Python package for the "Conditional Topic Allocation" (CTA): a text-analysis method that identifies topics that correlate with numerical outcomes.

How does CTA work?

CTA finds topics by conditioning on observables. For example, do Republicans write differently about politics than Democrats? It consists of three steps:


1. Predict the outcome variable with text.
  • Uses DistilBERT to predict outcome.

2. Select words with high predictive power (positive or negative).
  • Calculates SHAP values for each word and select words with a statistically significant SHAP value.

3. Group words by semantic similarity.
  • Returns topics with either positive or negative correlation with the outcome.

CTA supports all languages.

Installation

CTApy requires Python 3.9 and pip.
It is highly recommended to use a virtual environment (or conda environment) for the installation.

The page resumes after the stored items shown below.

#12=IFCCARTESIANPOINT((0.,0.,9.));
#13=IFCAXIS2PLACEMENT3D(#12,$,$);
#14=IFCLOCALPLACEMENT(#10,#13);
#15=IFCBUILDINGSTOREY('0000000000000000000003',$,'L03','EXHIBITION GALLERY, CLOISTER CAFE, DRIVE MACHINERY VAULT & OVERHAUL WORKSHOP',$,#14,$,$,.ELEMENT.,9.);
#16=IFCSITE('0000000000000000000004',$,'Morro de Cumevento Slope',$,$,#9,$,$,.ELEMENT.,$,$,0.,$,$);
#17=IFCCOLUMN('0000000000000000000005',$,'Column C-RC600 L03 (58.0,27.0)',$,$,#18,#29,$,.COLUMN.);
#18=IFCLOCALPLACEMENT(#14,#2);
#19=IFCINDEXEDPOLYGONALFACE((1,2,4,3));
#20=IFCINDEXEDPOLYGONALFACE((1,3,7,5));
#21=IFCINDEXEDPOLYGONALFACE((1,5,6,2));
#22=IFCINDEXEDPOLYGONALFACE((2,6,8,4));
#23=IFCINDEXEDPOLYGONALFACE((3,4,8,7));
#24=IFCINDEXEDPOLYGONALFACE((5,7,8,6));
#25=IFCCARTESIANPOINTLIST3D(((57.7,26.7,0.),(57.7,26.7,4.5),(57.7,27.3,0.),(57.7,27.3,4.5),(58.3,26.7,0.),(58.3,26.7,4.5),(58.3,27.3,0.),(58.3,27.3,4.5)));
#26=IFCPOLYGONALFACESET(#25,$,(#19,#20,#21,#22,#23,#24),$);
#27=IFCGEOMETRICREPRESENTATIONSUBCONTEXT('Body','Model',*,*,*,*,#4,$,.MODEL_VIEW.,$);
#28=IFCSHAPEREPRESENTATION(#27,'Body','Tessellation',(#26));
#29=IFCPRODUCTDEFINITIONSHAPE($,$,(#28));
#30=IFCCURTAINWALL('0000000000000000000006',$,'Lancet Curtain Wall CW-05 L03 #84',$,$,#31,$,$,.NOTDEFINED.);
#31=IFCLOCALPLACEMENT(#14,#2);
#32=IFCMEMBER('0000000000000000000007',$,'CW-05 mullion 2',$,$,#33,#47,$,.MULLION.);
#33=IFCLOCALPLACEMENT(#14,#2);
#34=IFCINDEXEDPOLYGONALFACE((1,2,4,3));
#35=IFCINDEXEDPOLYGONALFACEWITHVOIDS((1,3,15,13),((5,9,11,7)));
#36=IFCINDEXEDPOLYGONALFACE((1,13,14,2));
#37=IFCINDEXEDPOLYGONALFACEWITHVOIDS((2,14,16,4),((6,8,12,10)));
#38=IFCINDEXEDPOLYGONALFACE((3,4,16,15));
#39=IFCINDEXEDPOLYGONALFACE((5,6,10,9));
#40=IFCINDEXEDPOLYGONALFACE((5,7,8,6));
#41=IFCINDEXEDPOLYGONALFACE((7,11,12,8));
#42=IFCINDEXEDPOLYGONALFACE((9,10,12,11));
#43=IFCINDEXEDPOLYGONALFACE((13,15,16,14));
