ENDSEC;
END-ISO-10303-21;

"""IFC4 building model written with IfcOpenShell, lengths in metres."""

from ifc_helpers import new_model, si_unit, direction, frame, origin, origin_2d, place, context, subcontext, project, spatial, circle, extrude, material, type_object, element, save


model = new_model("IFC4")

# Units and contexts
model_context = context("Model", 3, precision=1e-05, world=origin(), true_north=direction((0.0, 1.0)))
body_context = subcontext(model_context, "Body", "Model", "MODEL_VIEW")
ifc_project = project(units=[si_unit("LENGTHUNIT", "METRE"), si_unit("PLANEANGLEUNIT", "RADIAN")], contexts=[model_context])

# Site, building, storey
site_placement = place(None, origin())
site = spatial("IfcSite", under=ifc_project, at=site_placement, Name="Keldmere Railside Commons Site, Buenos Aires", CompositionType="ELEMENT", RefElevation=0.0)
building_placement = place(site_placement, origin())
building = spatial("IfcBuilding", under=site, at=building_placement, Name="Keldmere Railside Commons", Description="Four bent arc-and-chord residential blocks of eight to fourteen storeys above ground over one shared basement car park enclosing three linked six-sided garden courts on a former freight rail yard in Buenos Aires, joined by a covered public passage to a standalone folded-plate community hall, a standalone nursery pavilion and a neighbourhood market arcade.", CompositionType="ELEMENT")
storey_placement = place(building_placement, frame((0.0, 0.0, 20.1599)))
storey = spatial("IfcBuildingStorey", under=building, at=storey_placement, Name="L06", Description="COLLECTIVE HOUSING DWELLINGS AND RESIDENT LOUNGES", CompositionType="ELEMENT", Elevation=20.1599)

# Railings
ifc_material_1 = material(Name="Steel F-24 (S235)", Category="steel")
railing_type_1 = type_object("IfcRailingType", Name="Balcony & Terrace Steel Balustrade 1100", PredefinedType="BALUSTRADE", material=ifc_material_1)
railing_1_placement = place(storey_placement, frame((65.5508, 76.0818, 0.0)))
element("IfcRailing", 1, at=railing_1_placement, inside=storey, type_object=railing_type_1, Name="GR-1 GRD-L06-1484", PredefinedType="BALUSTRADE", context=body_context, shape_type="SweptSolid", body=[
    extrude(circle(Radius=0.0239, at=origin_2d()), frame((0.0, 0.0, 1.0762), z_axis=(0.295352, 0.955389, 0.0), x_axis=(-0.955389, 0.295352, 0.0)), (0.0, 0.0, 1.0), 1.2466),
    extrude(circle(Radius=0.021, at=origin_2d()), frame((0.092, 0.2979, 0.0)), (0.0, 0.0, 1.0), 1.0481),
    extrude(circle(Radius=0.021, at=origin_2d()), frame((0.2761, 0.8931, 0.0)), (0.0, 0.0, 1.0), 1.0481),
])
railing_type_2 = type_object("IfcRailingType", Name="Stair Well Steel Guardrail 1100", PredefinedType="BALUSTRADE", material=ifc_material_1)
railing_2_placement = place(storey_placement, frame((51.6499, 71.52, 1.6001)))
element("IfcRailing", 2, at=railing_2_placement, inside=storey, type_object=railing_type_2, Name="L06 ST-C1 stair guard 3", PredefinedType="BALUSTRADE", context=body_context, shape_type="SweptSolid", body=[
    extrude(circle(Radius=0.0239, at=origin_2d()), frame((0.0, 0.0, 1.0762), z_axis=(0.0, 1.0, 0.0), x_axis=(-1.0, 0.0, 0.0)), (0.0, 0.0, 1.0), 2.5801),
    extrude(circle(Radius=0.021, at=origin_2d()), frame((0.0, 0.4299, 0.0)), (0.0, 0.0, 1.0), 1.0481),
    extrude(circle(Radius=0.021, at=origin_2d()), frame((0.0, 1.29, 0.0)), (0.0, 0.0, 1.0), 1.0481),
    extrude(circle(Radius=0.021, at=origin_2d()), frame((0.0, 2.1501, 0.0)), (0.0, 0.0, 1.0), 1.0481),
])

# upgrade pip, wheel and setuptools
python -m pip install -U pip wheel setuptools

# install the package
python -m pip install -U CTApy

If you want to use Jupyter, make sure you have it installed in the current environment.

Quickstart

Please see the hands-on tutorials, which replicate the research paper: https://github.com/twekhof/CTA/tree/main/tutorials.

Author

CTApy was developed by

Tobias Wekhof, ETH Zurich

Disclaimer

This Python package is a research tool currently under development. The authors take no responsibility for the accuracy or reliability of the results produced by it.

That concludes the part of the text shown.